# Attwood



## Bass-n-Beer (Mar 5, 2010)

Anyone been down there lately? Are the white bass starting to bite?


----------



## saugeyesam (Apr 20, 2004)

My sister and I went Saturday am till about noonish managed to catch one big blue gill and a 15 inch largemouth bass, white bass should start up once we get into the first part of May.


----------



## timcat69 (Nov 14, 2008)

I haven't been to Atwood but, I've caught quite a few on cranks while bass fishing at Piedmont and Clendening the last few weeks.


----------



## sheephead (Mar 31, 2012)

goin to atwood friday for saugs. i will post update in evening. cold front won't help i'd imagine.


----------



## Bass-n-Beer (Mar 5, 2010)

Thanks guys


----------



## koonzie99 (Apr 25, 2012)

went yesterday got a few on white twisters got a few pics of some form early this week.


----------



## sheephead (Mar 31, 2012)

Went after work, fished till 8:00pm. High skies and post front equals=not good. 1 dink saug on jig, 2 bluegill and a dink large mouth. Water temp was 58. Saw maybe 4 other boats and 3 were pontoons just cruising.


----------



## sheephead (Mar 31, 2012)

Just got back from atwood. 2 white bass and the male was milking, 1 big crappie, 6 bluegill, and a few dinky saugs. 10 to 14 fow today pullin jigs. minnows and crawlers.


----------



## freakofnature13 (Jul 2, 2008)

Sheep quit messin with that live bait.. start throwin iron..got 2 fish os maybe 4lbish each..before storm


----------



## sheephead (Mar 31, 2012)

Hey freak good to hear from ya. Yea I know I'm a jighead, but I did buy a new rod and reel set up just for "iron" and been tryn to figure out the technique of the dang thing! I heard you lift and let fludder back to bottom on retrieve but I'm really clueless. I vetically jigged it and got a few bites but as far as casting no luck yet, it's got to be my technique. No=equal.


----------



## king_fisher (Apr 26, 2006)

Fished Atwood today from 8-4 and caught around 100 crappie but only 10 were big enough to keep. The largest was 12". Caught a lot around 8.5". All caught on minnows in 5-10 fow.


----------



## koonzie99 (Apr 25, 2012)

Went out on lake today got about 25-30 crappies only 2 was keeper.no eyes yet for me


----------



## Fishingwant2B (May 6, 2012)

Went down mon. The 30th got 6 white bass and 5 sungills. Then the father-in-law and I went again on fri. The 4 and got 3 white bass and 2 spotted the spotted where 13 inches. This was off shore by the new boat ramp by the pinick area. Used a white and gray rooster 

Outdoor Hub mobile, the outdoor information engine


----------



## ironhead550 (May 15, 2011)

sheephead said:


> Hey freak good to hear from ya. Yea I know I'm a jighead, but I did buy a new rod and reel set up just for "iron" and been tryn to figure out the technique of the dang thing! I heard you lift and let fludder back to bottom on retrieve but I'm really clueless. I vetically jigged it and got a few bites but as far as casting no luck yet, it's got to be my technique. No=equal.

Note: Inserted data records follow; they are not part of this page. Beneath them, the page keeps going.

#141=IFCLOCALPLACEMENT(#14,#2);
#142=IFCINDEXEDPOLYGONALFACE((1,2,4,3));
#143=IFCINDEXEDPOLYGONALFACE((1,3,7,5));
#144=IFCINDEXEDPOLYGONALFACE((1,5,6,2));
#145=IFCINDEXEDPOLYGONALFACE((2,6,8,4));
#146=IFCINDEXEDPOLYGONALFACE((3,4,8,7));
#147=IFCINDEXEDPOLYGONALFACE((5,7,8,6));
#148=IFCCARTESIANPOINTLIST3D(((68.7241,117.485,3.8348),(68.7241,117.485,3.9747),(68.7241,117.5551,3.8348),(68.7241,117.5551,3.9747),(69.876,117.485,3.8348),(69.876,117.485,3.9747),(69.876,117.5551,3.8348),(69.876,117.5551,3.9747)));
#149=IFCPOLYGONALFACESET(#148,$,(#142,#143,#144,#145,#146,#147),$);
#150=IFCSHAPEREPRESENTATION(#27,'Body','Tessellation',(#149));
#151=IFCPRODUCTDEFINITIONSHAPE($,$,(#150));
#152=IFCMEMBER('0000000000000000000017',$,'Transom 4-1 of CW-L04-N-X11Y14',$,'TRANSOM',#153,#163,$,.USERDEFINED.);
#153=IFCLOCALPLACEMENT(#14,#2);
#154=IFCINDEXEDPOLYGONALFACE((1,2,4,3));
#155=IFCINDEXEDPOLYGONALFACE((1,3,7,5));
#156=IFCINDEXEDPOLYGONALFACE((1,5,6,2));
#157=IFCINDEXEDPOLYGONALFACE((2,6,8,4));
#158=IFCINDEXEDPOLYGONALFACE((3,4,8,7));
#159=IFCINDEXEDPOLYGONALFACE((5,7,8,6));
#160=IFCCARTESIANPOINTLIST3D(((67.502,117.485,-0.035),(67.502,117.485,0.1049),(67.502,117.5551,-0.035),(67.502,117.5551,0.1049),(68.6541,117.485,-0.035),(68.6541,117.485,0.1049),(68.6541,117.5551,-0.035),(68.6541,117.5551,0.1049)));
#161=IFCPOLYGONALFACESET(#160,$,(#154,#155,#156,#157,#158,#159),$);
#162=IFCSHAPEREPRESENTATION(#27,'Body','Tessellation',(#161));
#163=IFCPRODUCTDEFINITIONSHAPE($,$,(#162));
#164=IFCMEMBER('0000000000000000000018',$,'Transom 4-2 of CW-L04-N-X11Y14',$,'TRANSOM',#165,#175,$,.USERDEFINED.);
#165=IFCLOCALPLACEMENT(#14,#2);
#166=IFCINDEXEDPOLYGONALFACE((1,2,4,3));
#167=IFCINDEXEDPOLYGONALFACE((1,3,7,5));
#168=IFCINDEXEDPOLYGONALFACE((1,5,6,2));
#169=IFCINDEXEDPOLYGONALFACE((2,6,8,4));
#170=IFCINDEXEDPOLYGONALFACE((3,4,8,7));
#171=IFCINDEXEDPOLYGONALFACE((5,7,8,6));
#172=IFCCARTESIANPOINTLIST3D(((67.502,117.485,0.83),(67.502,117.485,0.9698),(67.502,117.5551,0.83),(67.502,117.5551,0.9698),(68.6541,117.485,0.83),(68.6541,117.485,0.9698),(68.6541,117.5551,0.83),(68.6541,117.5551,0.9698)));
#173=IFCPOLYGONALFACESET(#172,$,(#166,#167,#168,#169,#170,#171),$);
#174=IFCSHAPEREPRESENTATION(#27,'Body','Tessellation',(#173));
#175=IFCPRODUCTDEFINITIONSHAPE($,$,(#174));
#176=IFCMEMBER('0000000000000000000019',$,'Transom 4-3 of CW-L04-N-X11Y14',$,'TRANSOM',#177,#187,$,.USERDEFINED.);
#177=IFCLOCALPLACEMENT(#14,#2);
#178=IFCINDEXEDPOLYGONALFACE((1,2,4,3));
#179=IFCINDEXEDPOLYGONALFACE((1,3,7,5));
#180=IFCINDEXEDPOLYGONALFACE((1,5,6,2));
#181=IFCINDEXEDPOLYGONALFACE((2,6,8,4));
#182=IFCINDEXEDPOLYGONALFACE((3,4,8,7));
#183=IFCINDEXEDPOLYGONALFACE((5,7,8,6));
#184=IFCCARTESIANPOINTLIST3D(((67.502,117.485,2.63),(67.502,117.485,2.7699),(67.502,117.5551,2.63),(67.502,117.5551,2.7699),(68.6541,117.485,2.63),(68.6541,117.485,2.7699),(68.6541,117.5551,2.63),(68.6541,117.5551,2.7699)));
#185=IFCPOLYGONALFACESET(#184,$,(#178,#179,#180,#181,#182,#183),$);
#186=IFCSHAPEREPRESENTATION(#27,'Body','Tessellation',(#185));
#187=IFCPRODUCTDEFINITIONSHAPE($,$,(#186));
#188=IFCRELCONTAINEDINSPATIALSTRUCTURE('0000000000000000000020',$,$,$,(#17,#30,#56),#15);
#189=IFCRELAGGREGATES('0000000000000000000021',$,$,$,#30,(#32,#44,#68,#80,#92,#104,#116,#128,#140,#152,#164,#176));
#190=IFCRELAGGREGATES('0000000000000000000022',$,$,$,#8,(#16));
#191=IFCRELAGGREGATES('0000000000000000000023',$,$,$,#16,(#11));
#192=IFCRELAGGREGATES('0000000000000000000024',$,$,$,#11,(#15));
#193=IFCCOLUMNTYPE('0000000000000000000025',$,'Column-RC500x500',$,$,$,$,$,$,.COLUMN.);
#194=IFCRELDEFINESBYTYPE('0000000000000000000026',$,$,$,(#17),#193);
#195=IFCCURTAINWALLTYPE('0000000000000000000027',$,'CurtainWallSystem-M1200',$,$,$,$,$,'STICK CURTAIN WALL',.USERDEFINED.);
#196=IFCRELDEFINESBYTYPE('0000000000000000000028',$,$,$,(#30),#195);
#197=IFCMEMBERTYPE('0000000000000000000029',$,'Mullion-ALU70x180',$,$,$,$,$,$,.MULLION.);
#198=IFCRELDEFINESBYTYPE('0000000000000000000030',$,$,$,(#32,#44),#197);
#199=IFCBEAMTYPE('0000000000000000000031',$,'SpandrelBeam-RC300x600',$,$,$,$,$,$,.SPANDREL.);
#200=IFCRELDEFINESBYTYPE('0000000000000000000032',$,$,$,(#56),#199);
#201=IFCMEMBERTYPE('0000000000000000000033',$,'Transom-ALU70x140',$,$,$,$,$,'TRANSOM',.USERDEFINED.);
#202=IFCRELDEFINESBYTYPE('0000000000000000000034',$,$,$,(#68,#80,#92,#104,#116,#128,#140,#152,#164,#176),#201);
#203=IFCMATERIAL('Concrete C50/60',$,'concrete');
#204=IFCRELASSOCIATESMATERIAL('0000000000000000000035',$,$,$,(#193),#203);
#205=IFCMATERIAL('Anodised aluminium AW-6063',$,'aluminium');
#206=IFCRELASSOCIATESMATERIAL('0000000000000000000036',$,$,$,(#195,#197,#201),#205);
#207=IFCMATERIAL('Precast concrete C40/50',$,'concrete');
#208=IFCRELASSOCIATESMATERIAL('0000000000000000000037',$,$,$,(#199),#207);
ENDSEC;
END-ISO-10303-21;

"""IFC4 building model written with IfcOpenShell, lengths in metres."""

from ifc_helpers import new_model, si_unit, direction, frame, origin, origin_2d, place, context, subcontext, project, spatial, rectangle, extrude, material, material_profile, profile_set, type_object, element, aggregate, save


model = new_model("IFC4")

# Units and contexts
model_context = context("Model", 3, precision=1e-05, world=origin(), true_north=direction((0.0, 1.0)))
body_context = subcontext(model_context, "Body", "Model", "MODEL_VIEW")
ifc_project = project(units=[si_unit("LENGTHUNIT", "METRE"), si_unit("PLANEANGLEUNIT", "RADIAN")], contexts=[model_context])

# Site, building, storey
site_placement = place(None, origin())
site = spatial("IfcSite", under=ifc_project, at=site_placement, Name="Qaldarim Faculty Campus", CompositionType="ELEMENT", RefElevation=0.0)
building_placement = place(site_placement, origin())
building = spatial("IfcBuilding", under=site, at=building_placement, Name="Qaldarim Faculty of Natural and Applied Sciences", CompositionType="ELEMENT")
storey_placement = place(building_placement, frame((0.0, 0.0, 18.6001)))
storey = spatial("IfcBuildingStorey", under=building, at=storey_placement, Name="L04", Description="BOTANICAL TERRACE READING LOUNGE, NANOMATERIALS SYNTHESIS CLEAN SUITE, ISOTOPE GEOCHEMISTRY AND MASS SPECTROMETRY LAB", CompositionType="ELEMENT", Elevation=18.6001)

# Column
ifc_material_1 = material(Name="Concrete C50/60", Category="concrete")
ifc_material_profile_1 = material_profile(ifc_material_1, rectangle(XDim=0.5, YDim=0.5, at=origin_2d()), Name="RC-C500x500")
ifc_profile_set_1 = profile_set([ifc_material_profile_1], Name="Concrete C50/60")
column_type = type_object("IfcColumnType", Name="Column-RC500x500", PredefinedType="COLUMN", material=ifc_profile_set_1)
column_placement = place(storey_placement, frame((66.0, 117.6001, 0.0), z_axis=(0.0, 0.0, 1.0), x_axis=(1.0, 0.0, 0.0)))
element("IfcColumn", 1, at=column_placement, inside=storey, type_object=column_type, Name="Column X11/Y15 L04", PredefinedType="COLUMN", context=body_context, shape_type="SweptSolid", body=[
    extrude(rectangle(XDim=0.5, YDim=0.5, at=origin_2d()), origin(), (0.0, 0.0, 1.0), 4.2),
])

that no equal piece of garbage isnt worth your time! i wouldnt give you a warm pint of piss for it.


----------



## sheephead (Mar 31, 2012)

ironhead550 said:


> that no equal piece of garbage isnt worth your time! i wouldnt give you a warm pint of piss for it.

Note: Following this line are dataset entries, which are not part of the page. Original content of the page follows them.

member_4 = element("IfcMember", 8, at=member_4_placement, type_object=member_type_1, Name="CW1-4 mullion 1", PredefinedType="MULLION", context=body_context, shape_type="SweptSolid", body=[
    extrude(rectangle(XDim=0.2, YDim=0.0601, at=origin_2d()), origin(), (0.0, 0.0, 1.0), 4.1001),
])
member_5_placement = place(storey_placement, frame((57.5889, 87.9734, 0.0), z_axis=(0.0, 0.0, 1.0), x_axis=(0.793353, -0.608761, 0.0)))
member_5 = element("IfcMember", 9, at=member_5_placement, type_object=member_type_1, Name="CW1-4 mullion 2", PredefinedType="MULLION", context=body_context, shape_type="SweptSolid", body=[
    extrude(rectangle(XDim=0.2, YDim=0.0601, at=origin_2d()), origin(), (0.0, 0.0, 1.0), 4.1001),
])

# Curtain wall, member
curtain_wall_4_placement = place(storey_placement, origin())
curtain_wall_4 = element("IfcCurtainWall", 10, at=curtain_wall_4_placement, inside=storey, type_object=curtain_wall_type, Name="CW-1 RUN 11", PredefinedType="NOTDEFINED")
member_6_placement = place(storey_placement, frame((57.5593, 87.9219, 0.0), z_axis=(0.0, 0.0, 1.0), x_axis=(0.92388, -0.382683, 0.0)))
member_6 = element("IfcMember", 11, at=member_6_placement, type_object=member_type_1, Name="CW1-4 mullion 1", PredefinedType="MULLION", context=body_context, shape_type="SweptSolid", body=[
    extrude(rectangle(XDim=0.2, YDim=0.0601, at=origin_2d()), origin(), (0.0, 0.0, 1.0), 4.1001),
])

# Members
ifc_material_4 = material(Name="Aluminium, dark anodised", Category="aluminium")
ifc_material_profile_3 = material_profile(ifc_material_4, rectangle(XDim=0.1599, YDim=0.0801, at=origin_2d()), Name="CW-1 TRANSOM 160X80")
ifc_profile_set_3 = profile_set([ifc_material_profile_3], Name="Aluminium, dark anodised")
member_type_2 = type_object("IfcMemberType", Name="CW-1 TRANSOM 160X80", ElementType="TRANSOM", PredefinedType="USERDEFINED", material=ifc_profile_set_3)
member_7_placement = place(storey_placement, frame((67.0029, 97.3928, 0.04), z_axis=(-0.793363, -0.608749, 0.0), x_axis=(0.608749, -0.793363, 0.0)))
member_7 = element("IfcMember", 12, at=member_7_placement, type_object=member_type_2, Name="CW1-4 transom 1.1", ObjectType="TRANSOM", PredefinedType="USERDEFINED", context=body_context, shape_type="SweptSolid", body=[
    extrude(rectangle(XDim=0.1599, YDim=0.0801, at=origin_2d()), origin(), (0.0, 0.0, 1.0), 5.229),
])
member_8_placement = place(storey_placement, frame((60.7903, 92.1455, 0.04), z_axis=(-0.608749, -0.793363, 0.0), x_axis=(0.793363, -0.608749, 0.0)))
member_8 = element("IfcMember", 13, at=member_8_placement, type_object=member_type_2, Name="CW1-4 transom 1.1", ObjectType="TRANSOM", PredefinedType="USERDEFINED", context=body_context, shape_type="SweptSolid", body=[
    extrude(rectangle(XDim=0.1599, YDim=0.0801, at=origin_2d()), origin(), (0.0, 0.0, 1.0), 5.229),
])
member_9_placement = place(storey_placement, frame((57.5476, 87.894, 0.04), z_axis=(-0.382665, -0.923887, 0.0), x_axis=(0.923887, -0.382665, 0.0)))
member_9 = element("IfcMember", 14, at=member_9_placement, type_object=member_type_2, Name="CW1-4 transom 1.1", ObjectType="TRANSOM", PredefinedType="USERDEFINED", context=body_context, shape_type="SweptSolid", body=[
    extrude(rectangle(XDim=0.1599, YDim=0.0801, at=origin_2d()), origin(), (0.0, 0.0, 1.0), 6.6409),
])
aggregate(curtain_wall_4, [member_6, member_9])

I take it you havn't done any good with it either. Lol


----------



## ironhead550 (May 15, 2011)

sheephead said:


> I take it you havn't done any good with it either. Lol


im just jokeing... its my number one freezer packer. im friends with freek... he's sposed to be keeping that quiet. lol


----------



## sheephead (Mar 31, 2012)

ironhead550 said:


> im just jokeing... its my number one freezer packer. im friends with freek... he's sposed to be keeping that quiet. lol


Sorry bout that Ironhead, I'll figure the dang thing out if I can put the jigs down for a day or two. Oh and I wouldn't trade em for a pint of urine either..... they're to expensive!! lol good fishin bro


----------



## tinfisher (Mar 25, 2012)

I trolled atwood yesterday for about five hours only caught 1 crappie a keeper even at that. Was over round the campground saw a big fish floatin upside down. It looked like a musky upside down even tho ive never seen a musky in atwood. But any how we flipped it over and it was an eye! Hadnt been dead long tho. We measured it at 23 1/2 inches long. Sure wouldve like to hook into that on when it was still kickin!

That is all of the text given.